You could try Stoptech

Sent from my moto x4 using Tapatalk


----------



## gerardrjj (Sep 4, 2014)

BsickPassat said:


> You need a VCDS or equivalent and a batter charger to unwind the parking brake motor and later reset the parking brake
> 
> No experience with powerstop.
> 
> ...


Thanks for the heads-up. I have both but wouldn't have thought about resetting the EPB.
https://www.youtube.com/watch?v=zFZJj39FZ3s has the steps from rosstech.


----------



## uhhi129 (May 6, 2019)

gerardrjj said:


> My '18 SEL-P has developed a fairly nasty shimmy under moderate to hard braking and the vibration varies with brake pressure so I'm fairly sure the OEM disks have cementite** built up on a few spots. I've decided that since I got into this situation with factory supplied parts, and I'm not going to change my driving style, that I should move to after market parts to prevent a repeat occurrence.
> 
> Two questions:
> 
> ...


Really curious to see how this turns out for you. I called jegs related to the part number you quoted above. They said they were 312x12.3. Ecs tunings factory replacements were listed at 300x12. I put ecs upgrades on the front and they work great but I’m suffering the same situation with my rears now and can’t find an appropriate replacement to match the fronts. Would love to know if you end up picking these up and how the install goes. 
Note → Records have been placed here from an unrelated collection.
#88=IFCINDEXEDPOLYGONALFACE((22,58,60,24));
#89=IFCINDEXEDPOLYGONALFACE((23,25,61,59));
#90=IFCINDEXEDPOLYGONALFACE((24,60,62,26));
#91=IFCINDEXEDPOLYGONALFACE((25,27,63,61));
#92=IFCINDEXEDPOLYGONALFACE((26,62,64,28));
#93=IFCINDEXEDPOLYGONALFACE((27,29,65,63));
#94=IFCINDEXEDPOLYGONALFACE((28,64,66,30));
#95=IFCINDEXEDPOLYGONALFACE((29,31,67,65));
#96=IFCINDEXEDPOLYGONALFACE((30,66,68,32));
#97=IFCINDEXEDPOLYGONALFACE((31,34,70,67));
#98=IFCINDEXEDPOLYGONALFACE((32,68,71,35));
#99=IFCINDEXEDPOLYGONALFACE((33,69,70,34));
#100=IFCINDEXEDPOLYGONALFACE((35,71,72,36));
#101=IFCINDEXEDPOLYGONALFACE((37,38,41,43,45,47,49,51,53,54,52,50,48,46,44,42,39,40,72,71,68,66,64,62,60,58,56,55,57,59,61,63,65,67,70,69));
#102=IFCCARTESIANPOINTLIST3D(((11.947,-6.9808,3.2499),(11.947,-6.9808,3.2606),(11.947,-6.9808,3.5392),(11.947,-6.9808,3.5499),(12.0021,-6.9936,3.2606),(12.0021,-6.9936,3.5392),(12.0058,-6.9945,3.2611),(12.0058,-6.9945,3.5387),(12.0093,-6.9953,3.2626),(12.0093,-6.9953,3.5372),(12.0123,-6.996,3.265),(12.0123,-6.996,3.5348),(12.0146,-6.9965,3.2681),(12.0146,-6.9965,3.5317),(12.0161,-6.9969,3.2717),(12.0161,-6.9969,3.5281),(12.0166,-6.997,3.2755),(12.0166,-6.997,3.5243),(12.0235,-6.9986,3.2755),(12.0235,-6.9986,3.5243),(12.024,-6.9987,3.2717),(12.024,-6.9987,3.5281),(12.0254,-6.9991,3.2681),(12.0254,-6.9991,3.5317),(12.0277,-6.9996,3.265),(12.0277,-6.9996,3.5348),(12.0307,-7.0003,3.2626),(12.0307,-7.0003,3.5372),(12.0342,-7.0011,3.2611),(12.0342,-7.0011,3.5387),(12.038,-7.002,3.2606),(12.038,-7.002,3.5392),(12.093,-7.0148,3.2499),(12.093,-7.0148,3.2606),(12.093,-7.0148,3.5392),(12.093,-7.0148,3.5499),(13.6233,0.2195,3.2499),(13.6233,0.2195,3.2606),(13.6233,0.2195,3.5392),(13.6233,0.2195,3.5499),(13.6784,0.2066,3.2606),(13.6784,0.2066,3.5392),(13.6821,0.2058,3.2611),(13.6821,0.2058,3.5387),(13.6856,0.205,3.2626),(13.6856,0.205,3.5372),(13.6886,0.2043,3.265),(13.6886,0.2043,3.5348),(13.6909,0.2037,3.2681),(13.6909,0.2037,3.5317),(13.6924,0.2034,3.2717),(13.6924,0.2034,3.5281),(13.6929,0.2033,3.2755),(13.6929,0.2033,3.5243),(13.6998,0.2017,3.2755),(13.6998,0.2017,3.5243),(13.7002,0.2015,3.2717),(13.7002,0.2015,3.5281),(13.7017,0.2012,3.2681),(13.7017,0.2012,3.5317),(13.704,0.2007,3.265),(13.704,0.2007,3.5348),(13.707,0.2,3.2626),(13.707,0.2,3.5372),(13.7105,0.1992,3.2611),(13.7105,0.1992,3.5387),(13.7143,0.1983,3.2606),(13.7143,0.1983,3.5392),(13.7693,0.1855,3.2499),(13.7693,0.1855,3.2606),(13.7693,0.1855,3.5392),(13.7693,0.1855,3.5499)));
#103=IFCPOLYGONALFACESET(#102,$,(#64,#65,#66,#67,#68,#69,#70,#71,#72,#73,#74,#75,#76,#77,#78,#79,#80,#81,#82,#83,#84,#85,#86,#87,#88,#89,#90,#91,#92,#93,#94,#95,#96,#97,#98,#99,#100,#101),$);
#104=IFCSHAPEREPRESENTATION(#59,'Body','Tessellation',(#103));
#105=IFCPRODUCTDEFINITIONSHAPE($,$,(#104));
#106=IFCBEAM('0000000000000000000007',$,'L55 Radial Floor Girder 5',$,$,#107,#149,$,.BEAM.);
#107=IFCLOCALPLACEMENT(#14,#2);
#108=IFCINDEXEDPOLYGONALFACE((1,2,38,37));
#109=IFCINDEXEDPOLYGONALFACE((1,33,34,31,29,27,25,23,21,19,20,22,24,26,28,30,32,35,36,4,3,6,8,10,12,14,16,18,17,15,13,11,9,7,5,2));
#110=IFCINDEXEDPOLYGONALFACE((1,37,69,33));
Sent from my iPhone using Tapatalk


----------



## Nitr01 (Jan 5, 2019)

I run PowerStop crossdrilled/slotted anti rust on my Infiniti and my truck. I've used them for a few years and like the braking on them. Have had no issues over 30000 combined miles with the heavy load on the truck and spirited drive of my car. I've also installed the PowerStop OEM grade pads and rotors on some friends cars and they have been very pleased. 

I also use the PowerStop pads with these setups. 

Sent from my LM-G820 using Tapatalk


----------



## gerardrjj (Sep 4, 2014)

The parts started arriving, the rears I received have 28cm rotors and the the factory part is 30cm. I'll start sorting that out on Monday when all the customer service lines are open.
What I have found is the on the front the caliper hangars will have to some off to remove the rotor, in the rear the geometry just works out that the hangar can stay installed so the rears are acually easier to change out than the fronts will be.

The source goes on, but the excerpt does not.